A unique brain fingerprint may help identify the most beneficial therapeutic intervention for individual patients with neurologic disorders such as Alzheimer's disease (AD), potentially sparing millions from undergoing ineffective treatment, new research suggests.
Investigators used computational brain modeling and artificial intelligence techniques to analyze positron emission tomography (PET) and MRI from over 300 patients with the AD and healthy controls.
They found that the personalized therapeutic intervention fingerprint (pTIF) predicted the effectiveness of targeting biological factors, such as brain amyloid/tau deposition, inflammation, and neuronal functional dysregulation, to control the patient's disease course.
Moreover, patients who shared a given pTIF subtype had similar gene expression, which supported the relevance of the pTIF framework in biomarker-driven assisted therapeutic interventions.
"Although needing further validation, the introduced concept is a promising tool for patient stratification," lead author Yasser Iturria-Medina, PhD, assistant professor, Department of Neurology and Neurosurgery, Faculty of Medicine, McGill University, and primary investigator, Ludmer Centre for Neuroinformatics & Mental Health, Montreal, Quebec, Canada, told.

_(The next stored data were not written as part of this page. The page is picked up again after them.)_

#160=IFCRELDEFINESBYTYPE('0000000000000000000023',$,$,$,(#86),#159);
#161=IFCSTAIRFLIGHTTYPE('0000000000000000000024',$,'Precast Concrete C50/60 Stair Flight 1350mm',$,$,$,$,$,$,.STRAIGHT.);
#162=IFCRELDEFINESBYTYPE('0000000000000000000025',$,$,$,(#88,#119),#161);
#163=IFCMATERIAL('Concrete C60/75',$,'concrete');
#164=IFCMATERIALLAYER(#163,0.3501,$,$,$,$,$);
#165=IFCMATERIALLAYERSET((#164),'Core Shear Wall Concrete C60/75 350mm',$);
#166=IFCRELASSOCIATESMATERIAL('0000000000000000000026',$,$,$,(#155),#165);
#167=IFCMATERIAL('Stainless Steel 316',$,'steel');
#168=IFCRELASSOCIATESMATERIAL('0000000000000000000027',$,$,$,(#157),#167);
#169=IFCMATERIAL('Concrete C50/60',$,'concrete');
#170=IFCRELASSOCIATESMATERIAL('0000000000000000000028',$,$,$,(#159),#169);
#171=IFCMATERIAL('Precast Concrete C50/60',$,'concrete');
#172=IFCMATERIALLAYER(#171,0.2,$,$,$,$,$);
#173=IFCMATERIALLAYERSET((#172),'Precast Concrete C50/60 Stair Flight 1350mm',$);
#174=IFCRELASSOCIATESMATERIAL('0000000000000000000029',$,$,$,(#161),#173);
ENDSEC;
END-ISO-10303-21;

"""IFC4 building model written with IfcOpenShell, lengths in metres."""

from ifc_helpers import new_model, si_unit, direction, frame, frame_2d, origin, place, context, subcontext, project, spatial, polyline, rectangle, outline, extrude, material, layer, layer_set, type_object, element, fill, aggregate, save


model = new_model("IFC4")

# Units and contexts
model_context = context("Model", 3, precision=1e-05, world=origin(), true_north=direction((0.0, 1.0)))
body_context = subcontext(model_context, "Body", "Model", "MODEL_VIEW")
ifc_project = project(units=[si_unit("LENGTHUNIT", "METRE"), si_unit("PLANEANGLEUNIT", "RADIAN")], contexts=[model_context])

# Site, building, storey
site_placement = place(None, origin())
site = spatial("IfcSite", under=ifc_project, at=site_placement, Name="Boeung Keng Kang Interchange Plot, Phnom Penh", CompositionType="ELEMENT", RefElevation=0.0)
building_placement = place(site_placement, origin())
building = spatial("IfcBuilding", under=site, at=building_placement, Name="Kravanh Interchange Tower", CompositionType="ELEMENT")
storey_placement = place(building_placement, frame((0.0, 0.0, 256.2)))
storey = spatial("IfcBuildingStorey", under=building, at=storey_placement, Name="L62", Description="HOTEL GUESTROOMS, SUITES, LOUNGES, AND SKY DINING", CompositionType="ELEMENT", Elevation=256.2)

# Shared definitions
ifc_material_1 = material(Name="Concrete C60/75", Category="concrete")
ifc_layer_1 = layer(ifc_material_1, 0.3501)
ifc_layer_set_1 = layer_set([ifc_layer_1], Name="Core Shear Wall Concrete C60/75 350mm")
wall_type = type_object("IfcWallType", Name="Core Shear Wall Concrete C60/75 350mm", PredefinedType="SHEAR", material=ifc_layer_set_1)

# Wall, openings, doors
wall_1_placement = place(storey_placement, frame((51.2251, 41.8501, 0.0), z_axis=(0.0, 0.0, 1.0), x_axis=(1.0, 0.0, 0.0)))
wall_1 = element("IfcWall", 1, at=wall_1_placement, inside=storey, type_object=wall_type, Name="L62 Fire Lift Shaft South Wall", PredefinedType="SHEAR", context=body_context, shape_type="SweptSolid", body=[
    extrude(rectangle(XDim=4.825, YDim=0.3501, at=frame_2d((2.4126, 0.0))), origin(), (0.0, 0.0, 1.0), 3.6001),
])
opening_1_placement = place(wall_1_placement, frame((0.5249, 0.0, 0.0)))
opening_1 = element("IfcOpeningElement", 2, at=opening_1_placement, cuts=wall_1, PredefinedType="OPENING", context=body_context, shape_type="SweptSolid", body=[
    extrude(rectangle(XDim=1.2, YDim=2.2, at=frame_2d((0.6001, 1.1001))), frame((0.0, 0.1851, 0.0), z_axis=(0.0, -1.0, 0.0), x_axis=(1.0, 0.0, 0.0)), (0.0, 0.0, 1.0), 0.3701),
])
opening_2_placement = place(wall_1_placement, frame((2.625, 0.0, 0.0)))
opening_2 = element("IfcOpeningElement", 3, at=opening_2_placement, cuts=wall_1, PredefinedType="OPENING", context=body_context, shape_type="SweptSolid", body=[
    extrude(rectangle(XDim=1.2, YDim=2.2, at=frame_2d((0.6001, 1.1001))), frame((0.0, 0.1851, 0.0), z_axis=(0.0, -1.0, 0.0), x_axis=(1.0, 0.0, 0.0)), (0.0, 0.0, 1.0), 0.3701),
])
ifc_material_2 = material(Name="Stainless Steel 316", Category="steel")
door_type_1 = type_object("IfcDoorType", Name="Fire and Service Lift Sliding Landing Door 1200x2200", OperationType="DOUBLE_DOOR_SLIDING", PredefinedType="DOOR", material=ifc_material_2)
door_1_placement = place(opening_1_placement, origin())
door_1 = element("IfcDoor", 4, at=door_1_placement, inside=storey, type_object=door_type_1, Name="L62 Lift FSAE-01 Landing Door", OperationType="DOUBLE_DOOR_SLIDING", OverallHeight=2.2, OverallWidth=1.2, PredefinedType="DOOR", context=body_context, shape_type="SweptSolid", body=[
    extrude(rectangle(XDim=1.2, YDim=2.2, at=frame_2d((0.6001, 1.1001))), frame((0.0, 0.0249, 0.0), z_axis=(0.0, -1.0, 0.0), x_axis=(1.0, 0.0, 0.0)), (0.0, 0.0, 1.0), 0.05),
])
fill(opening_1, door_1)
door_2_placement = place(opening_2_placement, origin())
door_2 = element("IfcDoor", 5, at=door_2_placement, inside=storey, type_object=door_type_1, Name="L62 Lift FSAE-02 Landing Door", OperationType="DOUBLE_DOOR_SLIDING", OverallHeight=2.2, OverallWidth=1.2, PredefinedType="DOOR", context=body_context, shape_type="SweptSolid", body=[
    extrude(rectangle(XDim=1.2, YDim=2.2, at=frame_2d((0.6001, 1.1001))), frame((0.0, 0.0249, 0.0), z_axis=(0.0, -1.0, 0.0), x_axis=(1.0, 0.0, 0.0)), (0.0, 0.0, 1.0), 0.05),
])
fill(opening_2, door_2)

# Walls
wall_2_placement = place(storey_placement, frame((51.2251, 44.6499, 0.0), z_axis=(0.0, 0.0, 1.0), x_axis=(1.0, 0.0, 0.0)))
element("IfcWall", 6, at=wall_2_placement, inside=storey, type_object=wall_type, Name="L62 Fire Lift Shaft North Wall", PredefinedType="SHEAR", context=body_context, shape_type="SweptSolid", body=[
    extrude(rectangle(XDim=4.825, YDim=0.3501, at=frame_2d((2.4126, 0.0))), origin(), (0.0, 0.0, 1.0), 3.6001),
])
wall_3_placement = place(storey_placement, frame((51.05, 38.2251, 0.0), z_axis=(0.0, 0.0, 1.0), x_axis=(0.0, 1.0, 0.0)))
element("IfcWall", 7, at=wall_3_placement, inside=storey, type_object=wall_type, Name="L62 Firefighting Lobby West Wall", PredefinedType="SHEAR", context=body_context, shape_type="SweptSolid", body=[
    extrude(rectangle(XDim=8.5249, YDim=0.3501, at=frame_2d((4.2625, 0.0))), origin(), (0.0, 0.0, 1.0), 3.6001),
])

"It has broad implications for both the future identification of effective individualized treatments and the selective enrollment of patients in clinical trials and could provide a more effective medical care assisted by individual sophisticated models, undesired secondary effects, and the substantial reduction of pharmaceutical/clinical costs," he said.
Pinpointing Optimal Interventions
Unlike "generalized medicine," personalized medicine (PM) is "based on the optimization of treatment plans for individual patients through consideration of particular characteristics," such as molecular, macroscopic, and medical information, the authors noted.
Previous studies of PM have been limited by misuse of association analyses, incorrect extrapolation of group-based statistical inferences for identifying individual disease biomarkers, and the "paradoxical confidence in broad clinical/cognitive categories for validating new patient subtypes," they add.
Recent advances in brain modeling using network-based approaches have focused on the spreading of normal and pathological functional signals or local interactions among different biological factors, and dynamic network modeling has contributed to understanding dissimilar brain mechanisms.
Additional work has used control theory to predict the functional and cognitive response of the brain under the influence of external experimental interventions.